# How to efficiently sample a large number of unique binary vectors

This is probably just a basic CS question, so I appreciate the help. I'm doing Monte Carlo permutation tests in matlab for One-Sample and Paired Two-Sample Tests (where there are x^n unique vectors for n observations of x possible classes) and it is taking a very long time to generate all of the unique vectors.

For very large numbers of samples, the time it takes to generate that many unique vectors increases dramatically as the number of samples increases (for two reasons, one is the reduced ratio of unsample:sampled unique permutations and the second is the need to compare each new permutation to the previous permutations to see if it’s unique). I could speed things up immensely if I could pre-generate every possible subset and then just sample from the indices of those vectors, but obviously the size of the matrix of all possible vectors is too large.
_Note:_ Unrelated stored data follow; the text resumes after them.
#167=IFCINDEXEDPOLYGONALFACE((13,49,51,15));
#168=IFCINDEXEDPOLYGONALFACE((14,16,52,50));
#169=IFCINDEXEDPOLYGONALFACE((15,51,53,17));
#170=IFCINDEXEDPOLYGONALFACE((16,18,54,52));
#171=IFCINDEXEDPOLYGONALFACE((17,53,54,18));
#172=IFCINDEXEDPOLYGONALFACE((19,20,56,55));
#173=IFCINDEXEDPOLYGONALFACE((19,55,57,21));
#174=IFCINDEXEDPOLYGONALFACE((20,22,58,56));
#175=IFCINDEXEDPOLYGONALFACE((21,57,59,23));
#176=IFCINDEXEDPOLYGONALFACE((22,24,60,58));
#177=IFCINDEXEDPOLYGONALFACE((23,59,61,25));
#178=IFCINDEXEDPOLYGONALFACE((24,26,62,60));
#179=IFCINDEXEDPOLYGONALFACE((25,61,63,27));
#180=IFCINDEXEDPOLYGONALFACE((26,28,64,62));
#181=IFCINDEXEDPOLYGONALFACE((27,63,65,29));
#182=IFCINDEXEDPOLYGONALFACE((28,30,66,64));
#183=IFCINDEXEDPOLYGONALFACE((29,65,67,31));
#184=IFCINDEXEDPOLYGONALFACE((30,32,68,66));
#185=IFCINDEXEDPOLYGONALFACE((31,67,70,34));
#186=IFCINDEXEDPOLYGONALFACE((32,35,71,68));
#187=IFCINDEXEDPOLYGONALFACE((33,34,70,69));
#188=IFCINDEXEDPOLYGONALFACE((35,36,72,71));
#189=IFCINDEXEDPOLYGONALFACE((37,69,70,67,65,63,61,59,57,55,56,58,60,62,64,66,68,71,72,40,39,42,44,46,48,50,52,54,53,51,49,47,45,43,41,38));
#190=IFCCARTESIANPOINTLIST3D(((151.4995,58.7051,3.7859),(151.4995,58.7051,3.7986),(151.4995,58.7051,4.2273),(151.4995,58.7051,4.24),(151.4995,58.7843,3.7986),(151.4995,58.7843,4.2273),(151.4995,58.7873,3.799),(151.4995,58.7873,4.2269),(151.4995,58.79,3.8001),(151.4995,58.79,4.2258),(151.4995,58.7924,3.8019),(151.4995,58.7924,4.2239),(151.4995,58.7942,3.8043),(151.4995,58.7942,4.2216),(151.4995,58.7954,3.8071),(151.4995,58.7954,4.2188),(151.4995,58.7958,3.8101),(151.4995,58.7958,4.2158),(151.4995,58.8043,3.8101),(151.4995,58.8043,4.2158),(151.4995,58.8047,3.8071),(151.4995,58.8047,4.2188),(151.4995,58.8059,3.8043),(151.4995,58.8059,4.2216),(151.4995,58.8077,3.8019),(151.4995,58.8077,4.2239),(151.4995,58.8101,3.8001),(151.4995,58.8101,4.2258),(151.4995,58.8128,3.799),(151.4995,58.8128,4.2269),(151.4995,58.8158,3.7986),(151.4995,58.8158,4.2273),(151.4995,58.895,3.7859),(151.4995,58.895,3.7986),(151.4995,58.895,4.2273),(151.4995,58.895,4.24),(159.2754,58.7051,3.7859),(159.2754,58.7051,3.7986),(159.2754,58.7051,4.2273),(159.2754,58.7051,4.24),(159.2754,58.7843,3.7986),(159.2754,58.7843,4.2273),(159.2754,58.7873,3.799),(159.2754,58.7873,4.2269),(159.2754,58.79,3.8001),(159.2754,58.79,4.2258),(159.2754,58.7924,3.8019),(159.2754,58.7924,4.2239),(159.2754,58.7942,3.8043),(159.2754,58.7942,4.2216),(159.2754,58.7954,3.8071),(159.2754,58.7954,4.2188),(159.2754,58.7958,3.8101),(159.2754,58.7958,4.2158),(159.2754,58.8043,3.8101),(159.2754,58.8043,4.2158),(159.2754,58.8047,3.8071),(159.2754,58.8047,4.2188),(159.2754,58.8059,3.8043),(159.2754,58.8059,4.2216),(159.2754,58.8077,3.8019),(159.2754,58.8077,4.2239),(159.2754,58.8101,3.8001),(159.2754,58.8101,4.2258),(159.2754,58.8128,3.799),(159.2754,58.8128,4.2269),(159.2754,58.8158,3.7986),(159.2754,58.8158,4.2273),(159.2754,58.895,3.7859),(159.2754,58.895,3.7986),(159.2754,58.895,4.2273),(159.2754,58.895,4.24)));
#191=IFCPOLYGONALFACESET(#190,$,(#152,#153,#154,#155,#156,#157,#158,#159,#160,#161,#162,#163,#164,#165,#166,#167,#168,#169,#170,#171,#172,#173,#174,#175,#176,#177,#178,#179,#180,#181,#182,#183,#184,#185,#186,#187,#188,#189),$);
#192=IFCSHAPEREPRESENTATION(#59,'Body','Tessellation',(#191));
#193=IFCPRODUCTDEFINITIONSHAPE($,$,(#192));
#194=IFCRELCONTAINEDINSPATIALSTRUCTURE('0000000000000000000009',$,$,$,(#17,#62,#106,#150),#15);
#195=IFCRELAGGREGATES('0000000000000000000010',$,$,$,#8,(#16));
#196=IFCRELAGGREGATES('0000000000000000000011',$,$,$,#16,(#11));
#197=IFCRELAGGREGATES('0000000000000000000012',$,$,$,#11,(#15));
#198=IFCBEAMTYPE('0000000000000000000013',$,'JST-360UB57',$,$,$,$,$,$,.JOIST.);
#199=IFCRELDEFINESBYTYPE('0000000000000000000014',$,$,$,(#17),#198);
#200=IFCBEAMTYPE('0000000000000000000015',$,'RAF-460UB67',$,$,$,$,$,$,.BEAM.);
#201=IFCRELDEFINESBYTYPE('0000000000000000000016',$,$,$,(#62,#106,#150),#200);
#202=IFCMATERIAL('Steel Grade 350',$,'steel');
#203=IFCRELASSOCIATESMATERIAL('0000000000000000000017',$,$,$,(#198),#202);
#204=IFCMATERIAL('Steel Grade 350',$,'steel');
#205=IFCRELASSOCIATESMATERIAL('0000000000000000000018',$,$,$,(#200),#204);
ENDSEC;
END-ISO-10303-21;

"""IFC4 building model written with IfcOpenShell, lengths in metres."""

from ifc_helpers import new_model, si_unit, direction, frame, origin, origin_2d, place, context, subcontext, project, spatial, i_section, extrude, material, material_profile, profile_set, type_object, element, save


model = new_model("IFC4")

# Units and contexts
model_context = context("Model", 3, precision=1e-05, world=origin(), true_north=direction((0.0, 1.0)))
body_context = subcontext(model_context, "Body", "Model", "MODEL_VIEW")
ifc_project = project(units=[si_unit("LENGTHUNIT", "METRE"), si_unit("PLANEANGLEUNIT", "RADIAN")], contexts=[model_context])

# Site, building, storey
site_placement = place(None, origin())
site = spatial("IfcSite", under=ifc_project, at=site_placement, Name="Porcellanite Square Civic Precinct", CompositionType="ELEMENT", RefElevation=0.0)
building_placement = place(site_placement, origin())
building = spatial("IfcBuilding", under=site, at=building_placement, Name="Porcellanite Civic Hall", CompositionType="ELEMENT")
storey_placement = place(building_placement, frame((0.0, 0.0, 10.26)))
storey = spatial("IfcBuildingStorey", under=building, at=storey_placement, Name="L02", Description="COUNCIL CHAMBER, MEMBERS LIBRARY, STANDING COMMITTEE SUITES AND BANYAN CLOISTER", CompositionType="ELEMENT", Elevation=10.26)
Is there a way to turn an index into what would be the corresponding vector? It seems like there must be. I.e. in the binary case (x = 2), if each vector has 10 observations, there are 2^10 unique binary vectors. The random number generator delivers 512, so the program calculates the unique binary vector that corresponds to index 512 and returns that. That way I could just pull the desired number of indices from [1,2^10] and calculate the corresponding unique binary vector for each.
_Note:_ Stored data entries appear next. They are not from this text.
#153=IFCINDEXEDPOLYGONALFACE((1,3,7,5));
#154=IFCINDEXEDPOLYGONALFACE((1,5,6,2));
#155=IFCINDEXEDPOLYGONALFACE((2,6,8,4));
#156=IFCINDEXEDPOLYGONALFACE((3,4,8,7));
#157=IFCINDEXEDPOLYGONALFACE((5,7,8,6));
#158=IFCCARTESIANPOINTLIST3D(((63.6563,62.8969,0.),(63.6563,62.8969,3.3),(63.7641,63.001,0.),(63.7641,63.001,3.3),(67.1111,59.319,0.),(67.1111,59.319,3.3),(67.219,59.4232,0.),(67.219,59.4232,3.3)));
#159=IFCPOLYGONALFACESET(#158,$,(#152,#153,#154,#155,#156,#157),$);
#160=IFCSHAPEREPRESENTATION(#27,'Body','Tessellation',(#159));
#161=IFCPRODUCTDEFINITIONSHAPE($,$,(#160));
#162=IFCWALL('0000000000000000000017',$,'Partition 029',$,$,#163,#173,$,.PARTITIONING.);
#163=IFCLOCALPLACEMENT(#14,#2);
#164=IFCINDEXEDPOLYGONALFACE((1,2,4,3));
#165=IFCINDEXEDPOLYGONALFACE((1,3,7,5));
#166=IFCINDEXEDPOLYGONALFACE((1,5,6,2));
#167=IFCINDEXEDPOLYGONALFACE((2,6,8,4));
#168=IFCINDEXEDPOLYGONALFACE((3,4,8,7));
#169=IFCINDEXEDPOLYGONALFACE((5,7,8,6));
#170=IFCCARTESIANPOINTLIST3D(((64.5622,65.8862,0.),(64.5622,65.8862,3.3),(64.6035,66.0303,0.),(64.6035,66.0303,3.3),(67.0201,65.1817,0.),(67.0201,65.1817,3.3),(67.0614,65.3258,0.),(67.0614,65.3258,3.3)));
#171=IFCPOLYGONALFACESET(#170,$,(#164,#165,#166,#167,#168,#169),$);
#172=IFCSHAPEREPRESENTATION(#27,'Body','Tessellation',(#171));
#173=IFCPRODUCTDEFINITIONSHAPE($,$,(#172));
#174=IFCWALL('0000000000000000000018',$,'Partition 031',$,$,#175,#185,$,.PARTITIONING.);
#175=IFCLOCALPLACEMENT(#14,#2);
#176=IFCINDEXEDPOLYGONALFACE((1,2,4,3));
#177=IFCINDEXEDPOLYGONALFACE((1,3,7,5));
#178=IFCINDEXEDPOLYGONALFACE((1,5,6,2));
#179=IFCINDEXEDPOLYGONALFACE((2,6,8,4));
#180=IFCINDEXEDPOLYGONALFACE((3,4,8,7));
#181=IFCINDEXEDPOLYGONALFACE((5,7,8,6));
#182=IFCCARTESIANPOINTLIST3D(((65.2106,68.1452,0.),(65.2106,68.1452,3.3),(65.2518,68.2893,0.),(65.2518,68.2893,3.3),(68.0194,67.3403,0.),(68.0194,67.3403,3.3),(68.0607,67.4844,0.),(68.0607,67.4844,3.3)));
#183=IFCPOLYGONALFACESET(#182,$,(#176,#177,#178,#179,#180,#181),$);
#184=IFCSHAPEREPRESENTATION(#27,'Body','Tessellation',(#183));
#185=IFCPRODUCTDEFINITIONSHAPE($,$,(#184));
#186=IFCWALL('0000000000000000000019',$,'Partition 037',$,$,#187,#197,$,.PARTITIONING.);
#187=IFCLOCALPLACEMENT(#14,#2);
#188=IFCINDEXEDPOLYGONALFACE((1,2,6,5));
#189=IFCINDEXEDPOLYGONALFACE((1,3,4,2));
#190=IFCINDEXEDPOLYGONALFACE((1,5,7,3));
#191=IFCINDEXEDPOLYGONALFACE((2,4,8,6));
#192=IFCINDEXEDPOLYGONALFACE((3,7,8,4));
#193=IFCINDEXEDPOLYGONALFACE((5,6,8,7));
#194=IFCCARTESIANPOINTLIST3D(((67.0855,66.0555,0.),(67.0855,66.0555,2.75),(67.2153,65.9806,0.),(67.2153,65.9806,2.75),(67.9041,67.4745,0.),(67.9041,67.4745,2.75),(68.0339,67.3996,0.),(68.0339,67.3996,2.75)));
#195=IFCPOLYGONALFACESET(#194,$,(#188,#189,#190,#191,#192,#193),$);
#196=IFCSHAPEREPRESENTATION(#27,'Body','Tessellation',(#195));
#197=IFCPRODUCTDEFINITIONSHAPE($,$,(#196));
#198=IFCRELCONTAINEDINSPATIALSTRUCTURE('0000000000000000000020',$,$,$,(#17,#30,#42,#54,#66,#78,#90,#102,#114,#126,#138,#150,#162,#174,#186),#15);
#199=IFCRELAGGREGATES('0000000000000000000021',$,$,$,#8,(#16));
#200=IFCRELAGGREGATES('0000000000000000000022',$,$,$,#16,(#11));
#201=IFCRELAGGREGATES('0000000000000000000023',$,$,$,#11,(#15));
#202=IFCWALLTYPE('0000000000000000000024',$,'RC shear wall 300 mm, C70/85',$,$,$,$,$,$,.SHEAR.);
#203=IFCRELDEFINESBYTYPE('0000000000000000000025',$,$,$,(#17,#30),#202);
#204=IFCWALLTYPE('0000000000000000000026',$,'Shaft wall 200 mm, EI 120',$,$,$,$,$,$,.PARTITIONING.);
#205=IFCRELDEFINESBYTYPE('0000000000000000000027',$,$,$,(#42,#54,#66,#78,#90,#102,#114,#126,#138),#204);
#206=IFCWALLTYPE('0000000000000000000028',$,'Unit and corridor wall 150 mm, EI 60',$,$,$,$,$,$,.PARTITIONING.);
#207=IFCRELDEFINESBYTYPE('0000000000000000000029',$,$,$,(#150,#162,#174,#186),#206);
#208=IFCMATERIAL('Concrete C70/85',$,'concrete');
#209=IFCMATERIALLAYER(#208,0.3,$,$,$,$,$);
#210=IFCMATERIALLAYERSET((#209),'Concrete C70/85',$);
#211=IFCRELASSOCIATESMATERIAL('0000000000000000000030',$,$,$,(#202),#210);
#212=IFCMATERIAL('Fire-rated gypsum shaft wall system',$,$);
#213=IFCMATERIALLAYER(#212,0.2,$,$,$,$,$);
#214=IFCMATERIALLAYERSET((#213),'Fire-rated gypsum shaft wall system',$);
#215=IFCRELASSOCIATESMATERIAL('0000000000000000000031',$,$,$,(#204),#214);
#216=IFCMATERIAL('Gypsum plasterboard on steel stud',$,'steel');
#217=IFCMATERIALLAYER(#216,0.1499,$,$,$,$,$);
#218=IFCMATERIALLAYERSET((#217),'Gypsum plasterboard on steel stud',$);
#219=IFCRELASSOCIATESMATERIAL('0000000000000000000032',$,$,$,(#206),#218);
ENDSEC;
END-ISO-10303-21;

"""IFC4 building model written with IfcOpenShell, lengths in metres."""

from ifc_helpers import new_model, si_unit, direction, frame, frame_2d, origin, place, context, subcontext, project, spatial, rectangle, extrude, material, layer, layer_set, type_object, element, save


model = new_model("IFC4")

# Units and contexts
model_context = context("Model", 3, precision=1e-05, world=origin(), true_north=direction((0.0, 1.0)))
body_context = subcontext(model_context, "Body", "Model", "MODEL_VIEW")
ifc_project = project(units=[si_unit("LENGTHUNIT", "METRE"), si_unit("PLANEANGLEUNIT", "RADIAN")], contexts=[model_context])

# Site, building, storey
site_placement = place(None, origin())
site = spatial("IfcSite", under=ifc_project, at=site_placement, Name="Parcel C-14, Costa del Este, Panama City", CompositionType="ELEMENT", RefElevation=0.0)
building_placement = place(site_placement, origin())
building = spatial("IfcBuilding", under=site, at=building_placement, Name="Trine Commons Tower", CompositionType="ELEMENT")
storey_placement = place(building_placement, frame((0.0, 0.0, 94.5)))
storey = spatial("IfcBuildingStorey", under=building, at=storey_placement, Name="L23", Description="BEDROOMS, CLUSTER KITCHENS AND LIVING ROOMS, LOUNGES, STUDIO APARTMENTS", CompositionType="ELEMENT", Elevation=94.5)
Eventually I’ll need to take that to the multiclass case (x>3) and for unpaired two-sample tests (where there are n! possible combinations of the observations), but the binary subset case seems like the easiest place to start.

Thought on how to do that? Again, thanks for the help.
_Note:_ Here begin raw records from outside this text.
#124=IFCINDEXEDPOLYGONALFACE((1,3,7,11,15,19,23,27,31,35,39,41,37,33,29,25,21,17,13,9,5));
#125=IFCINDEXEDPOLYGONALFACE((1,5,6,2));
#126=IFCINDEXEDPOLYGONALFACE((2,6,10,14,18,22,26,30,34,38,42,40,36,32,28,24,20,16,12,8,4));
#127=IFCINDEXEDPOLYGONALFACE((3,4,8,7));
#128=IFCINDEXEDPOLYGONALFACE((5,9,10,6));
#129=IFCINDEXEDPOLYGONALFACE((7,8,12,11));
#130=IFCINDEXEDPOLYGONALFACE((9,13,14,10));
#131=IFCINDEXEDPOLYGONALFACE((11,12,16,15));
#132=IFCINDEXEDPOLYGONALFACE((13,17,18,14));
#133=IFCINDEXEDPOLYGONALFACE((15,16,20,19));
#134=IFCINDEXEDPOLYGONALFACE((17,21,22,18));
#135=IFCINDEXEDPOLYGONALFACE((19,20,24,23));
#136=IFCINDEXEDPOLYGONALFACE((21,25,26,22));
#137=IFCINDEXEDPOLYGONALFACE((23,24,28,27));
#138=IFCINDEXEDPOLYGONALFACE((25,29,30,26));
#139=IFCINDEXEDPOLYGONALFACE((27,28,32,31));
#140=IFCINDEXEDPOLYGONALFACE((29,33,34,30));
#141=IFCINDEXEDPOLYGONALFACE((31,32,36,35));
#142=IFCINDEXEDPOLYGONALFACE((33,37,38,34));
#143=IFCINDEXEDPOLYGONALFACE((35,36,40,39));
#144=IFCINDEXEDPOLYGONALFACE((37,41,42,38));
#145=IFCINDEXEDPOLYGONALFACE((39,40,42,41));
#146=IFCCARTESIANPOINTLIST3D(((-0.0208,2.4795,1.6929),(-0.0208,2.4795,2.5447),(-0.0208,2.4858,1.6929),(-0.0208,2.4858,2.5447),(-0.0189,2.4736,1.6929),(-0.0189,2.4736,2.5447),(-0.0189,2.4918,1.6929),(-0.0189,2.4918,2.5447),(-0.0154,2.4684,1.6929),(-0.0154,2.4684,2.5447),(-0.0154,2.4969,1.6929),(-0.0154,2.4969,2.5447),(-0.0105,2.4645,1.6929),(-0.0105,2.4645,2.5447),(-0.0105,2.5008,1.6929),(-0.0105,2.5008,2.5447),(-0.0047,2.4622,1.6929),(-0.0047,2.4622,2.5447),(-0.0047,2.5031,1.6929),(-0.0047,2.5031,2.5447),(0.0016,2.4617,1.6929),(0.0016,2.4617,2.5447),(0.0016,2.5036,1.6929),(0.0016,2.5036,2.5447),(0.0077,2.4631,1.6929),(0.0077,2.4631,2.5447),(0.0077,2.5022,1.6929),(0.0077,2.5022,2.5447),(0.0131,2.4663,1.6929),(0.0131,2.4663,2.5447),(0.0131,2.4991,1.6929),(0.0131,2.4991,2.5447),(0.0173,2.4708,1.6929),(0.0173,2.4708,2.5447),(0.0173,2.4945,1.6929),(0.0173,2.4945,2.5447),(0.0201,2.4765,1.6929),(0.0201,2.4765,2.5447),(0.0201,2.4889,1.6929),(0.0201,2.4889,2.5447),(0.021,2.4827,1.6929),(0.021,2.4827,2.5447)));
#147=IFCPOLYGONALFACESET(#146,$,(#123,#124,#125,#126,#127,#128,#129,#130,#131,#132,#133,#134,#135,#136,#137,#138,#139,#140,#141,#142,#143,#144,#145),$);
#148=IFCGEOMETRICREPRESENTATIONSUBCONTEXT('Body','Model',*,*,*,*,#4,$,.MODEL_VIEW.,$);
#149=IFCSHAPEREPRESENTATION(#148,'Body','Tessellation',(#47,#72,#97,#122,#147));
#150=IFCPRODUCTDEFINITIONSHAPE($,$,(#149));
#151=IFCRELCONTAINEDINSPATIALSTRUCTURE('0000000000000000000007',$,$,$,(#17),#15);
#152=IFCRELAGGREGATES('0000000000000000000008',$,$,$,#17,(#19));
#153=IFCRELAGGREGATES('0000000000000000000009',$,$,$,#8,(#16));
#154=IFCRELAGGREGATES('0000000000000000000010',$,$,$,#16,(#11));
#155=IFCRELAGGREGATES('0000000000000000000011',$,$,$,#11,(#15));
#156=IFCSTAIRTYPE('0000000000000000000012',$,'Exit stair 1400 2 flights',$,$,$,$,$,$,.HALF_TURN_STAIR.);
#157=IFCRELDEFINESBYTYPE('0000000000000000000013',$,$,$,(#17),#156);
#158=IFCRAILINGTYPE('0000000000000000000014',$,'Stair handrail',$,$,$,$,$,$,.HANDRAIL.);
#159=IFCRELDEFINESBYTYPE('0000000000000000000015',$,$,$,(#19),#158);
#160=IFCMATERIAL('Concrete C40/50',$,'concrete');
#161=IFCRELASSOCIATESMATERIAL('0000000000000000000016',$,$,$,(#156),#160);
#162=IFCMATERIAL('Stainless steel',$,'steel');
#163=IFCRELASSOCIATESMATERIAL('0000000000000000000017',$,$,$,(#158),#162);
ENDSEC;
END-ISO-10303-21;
• I think the de2bi function does exactly this for the x=2 case. But if anyone made it though that whole question and has thoughts on how to implement the x>2 or for n! case, I would love pointers on that. Thanks! – jim Aug 25 '16 at 5:58
• Please see the edit to my answer. – Kodiologist Aug 25 '16 at 15:06
• Why "unique"? I don’t think the vectors need to be unique. Monte Carlo is a sampling with replacement. – Elvis Aug 25 '16 at 15:10
• It's difficult to tell what the problem is. You cannot possibly generate all the unique vectors for anything other than a tiny problem, and for anything larger there are so many possibilities that it will be almost impossible to sample any vector more than once at random. It's unclear what binary vectors have to do with permutation tests (which by definition require permutations rather than subsets). – whuber Aug 25 '16 at 15:14

For the factorial case, where you want to sample from the $n!$ arrangements of $n$ objects, you might be best served with a Fisher-Yates shuffle.